The parties considered large encourage the federation as a way of co-opting the “best” names of the so-called “small” parties, strengthening their legend; some small ones find in the federation the subterfuge to continue existing.

As an example, the PSDB and PT propose federation to Cidadania and PC do B, respectively.

In nothing the federation promotes party growth, rather it only renews the strength of caciquismo, both in the large and small parties.

In this political arrangement, the same leaders will tend to be reelected.

The alternative to party federation

In opposition to this caciquismo, there is an alternative.

While the federation statute aims to organize slates through internal hierarchies, offering the new composition already established leaders, some parties have rejected this proposal, guided by the principle of equal conditions for the dispute: the slates bring together rising leaders who, in a way, they contribute to the healthy renewal of the party’s leadership.

But the examples are not many.

The Sustainability Network, by Marina Silva, tried in 2018, but was unsuccessful and is now seeking to participate in a federation.

Avante, in turn, which in 2018 overcame the barrier clause, will try again to overcome it in 2022 without joining a federation.

To this end, the information that party leaders circulate is that, in the preparation of the slates of deputies, there is a set of criteria that determine the vocation for party formation: the participation of non-elected candidates in the mandates of those who were elected and the sharing of the party fund observing the next election.

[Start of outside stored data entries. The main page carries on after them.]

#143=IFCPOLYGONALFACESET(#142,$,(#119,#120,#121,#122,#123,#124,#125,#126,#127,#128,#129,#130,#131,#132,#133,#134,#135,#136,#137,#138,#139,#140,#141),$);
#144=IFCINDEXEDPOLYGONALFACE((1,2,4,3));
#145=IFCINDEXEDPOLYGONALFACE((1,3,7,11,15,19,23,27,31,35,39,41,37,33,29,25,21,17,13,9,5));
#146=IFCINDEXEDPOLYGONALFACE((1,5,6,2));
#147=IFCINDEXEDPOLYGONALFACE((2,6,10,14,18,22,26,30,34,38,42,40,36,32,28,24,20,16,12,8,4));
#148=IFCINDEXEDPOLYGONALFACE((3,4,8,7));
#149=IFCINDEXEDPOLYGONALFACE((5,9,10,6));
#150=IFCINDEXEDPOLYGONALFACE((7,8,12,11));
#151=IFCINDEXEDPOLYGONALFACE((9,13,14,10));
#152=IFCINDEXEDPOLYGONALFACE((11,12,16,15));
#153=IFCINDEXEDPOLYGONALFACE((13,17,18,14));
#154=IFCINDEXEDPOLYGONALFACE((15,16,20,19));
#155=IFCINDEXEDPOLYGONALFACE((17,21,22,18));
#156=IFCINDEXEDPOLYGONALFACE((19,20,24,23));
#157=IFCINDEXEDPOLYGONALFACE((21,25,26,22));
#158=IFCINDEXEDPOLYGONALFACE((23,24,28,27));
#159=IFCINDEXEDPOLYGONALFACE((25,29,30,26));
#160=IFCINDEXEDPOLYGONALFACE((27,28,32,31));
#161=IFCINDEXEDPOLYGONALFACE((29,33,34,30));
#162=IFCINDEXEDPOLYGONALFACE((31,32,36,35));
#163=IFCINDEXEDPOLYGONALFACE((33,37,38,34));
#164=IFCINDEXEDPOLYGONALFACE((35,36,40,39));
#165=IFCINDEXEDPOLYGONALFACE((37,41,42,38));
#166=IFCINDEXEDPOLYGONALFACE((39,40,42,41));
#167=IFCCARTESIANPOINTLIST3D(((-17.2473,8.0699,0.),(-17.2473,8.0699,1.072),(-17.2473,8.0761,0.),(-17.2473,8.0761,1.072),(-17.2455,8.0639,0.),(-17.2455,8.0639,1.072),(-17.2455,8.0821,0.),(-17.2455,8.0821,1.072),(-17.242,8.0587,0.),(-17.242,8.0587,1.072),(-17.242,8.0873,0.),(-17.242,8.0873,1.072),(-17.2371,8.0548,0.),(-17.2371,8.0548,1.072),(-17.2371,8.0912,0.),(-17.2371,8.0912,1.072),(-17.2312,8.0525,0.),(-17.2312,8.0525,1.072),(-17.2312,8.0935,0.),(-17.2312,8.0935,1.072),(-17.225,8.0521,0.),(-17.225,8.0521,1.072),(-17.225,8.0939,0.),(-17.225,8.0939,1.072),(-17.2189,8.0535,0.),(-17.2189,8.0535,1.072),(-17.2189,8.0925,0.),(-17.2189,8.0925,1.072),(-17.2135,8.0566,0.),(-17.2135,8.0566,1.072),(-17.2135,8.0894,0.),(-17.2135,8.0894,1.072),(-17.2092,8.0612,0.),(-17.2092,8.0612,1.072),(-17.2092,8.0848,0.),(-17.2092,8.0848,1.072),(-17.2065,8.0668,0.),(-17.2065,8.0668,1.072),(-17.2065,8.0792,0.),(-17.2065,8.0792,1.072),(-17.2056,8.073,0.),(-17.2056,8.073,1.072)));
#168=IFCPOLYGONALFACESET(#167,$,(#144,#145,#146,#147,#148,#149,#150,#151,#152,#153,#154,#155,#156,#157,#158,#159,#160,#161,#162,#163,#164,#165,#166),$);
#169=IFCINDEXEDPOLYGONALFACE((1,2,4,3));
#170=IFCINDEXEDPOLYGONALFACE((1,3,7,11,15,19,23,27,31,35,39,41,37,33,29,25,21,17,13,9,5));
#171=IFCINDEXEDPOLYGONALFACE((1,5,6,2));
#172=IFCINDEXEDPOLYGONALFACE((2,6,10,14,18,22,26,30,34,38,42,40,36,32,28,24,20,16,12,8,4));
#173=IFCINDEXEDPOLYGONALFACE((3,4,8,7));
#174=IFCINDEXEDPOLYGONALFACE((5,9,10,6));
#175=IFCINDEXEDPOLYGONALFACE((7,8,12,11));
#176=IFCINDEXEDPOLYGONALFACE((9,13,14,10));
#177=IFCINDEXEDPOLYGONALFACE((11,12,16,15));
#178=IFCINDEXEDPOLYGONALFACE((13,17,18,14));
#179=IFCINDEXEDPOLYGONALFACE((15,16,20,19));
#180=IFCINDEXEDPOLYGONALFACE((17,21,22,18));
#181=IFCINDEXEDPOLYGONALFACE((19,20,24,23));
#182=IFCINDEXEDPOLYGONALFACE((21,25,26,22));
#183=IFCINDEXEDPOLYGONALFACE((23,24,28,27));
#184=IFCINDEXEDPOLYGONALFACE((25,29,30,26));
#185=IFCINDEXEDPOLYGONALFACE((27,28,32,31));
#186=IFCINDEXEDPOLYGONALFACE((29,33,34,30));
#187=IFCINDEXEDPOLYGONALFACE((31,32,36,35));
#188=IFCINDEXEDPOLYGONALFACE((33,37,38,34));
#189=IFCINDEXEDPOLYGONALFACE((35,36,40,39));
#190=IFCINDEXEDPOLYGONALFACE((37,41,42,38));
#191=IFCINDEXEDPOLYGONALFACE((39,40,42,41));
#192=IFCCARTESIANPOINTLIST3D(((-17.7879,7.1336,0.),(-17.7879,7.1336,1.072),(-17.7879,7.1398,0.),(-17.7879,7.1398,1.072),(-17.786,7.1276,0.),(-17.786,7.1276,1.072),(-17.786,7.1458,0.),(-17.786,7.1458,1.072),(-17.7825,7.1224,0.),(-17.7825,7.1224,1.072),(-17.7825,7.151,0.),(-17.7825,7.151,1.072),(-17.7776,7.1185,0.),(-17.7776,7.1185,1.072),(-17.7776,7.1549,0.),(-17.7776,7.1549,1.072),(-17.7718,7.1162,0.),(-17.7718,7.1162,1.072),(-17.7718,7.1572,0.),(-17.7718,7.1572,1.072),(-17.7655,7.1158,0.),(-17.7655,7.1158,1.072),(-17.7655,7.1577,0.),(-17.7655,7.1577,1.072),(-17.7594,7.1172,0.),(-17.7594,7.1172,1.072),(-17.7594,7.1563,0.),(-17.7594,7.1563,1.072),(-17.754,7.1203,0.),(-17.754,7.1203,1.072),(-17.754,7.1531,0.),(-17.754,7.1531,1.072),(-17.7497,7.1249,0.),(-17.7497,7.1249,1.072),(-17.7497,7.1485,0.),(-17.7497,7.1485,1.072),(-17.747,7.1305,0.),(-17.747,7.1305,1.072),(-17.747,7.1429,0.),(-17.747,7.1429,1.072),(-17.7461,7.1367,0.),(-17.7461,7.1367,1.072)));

However, the traditional parties (PT, MDB, PP, PSDB) make an effort to maintain control over the smaller parties from the federation, since the bond will have the configuration of bench for four years, which is the time of the mandate.

It cannot be disregarded either that the federation is a vertical decision, from top to bottom, which will not observe regional peculiarities; instituted, will define the orientation of the party also in the municipal elections of 2024.

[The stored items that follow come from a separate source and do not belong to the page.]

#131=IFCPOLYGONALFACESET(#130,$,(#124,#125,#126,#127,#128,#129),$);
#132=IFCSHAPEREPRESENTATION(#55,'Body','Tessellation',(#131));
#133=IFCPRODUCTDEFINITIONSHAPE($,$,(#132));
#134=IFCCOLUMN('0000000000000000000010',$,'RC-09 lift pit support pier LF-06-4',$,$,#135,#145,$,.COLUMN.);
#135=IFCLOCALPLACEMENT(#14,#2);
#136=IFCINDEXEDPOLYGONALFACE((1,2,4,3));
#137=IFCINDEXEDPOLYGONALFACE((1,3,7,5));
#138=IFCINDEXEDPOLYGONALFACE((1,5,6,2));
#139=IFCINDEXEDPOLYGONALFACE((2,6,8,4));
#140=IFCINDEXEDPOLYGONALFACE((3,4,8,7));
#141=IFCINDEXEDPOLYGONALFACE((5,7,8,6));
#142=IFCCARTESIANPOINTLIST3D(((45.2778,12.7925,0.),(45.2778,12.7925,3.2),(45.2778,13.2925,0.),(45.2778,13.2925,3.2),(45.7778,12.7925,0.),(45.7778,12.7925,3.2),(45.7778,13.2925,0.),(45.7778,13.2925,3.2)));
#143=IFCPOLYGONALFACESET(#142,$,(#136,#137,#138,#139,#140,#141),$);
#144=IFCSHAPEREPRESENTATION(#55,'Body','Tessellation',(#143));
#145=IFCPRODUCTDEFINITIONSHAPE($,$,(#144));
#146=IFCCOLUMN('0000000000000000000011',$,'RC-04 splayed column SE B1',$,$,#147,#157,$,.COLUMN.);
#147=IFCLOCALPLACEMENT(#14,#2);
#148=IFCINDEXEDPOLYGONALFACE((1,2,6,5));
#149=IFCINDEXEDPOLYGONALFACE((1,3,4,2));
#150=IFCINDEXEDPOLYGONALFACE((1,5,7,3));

In other words, the leaders who fight the political dispute strongly in the cities may have to share the same federation by superior deliberation, alien to their local objectives.

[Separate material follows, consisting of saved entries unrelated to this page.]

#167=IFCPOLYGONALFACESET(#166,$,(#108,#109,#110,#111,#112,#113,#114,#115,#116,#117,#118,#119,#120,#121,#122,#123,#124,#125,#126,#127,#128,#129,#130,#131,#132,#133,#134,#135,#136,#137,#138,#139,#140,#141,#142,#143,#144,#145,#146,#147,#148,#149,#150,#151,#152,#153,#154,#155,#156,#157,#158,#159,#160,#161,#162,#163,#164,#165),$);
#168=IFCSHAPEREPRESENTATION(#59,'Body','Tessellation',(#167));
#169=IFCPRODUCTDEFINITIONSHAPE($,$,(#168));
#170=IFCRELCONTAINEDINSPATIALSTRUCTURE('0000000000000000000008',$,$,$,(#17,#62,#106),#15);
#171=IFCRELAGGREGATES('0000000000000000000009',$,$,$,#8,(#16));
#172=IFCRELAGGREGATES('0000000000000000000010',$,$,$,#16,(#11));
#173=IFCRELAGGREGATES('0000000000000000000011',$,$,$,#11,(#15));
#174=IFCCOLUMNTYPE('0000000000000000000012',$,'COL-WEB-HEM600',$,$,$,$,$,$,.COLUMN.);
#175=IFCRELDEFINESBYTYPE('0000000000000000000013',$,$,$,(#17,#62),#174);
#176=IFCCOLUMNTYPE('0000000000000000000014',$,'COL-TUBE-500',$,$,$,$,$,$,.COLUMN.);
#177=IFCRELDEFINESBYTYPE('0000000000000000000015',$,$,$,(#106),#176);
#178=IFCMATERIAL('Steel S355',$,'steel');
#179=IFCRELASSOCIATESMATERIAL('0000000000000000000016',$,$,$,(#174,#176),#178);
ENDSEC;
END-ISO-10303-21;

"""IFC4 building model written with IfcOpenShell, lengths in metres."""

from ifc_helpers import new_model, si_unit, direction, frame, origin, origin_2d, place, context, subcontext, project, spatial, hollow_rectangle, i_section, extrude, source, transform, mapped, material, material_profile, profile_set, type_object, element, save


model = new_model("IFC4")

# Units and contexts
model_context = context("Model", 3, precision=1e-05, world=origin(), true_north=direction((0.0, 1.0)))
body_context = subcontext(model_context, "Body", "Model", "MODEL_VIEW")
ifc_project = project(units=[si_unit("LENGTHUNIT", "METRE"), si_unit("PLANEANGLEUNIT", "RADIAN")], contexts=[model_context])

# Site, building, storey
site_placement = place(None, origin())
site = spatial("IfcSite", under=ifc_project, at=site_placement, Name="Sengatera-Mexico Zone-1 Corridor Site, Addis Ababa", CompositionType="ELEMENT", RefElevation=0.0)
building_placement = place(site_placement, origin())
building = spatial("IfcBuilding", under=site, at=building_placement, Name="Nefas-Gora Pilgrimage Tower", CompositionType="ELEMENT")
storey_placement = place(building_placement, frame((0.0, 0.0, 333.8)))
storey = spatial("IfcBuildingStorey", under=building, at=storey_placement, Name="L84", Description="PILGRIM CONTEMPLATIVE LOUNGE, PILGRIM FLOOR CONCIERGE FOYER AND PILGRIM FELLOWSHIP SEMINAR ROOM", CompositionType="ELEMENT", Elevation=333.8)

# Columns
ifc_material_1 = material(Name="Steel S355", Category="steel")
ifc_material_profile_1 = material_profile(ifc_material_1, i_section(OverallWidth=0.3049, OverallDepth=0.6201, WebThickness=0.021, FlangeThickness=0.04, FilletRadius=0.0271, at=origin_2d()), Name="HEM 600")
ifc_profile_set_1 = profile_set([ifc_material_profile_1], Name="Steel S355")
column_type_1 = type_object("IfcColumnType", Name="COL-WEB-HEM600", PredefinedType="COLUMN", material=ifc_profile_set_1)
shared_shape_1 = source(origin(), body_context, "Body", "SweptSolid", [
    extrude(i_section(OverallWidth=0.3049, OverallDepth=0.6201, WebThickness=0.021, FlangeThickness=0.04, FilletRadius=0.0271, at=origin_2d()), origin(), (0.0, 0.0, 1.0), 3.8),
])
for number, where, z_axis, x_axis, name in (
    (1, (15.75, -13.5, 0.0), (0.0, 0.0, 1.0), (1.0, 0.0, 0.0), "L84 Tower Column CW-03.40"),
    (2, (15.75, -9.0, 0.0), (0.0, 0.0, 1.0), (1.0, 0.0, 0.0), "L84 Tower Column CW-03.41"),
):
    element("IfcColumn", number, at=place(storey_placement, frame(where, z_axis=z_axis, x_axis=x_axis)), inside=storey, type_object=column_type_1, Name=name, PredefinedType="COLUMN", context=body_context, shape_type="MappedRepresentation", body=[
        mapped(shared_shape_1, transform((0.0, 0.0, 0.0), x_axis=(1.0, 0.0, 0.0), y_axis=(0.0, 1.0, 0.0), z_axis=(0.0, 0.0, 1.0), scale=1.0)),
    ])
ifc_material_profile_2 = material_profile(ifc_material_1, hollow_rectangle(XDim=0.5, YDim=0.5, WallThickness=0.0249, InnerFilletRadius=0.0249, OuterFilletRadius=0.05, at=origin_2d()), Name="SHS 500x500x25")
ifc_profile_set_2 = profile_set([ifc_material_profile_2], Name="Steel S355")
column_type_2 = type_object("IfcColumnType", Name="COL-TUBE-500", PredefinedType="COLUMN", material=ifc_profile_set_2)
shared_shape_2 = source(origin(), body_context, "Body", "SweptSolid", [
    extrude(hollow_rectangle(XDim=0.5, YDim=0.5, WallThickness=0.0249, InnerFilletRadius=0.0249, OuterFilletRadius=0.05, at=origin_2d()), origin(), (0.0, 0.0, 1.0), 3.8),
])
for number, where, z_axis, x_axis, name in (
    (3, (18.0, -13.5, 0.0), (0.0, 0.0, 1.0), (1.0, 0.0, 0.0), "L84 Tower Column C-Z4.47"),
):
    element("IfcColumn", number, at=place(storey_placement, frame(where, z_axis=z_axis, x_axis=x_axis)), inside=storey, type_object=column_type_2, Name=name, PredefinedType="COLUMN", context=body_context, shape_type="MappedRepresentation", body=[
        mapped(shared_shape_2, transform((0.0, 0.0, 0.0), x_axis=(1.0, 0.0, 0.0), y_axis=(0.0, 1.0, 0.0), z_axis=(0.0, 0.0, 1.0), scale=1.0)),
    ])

Very different from what the parties that choose to face the polls with autonomy and independence, without resorting to federation, propose.

In the latter, the criteria of party solidarity, in order to engage leaders in the construction of the party, prioritize internal democracy and the perspective of its vitality and renewal.

For the upcoming elections, the parties will present themselves to the Brazilian population on May 31, when the deadline for formalizing federations ends.

From that date, then, we will be able to form our judgment on which organizations prioritize the strengthening of political parties, as Leonel Brizola wanted and as democracy requires, more than ever.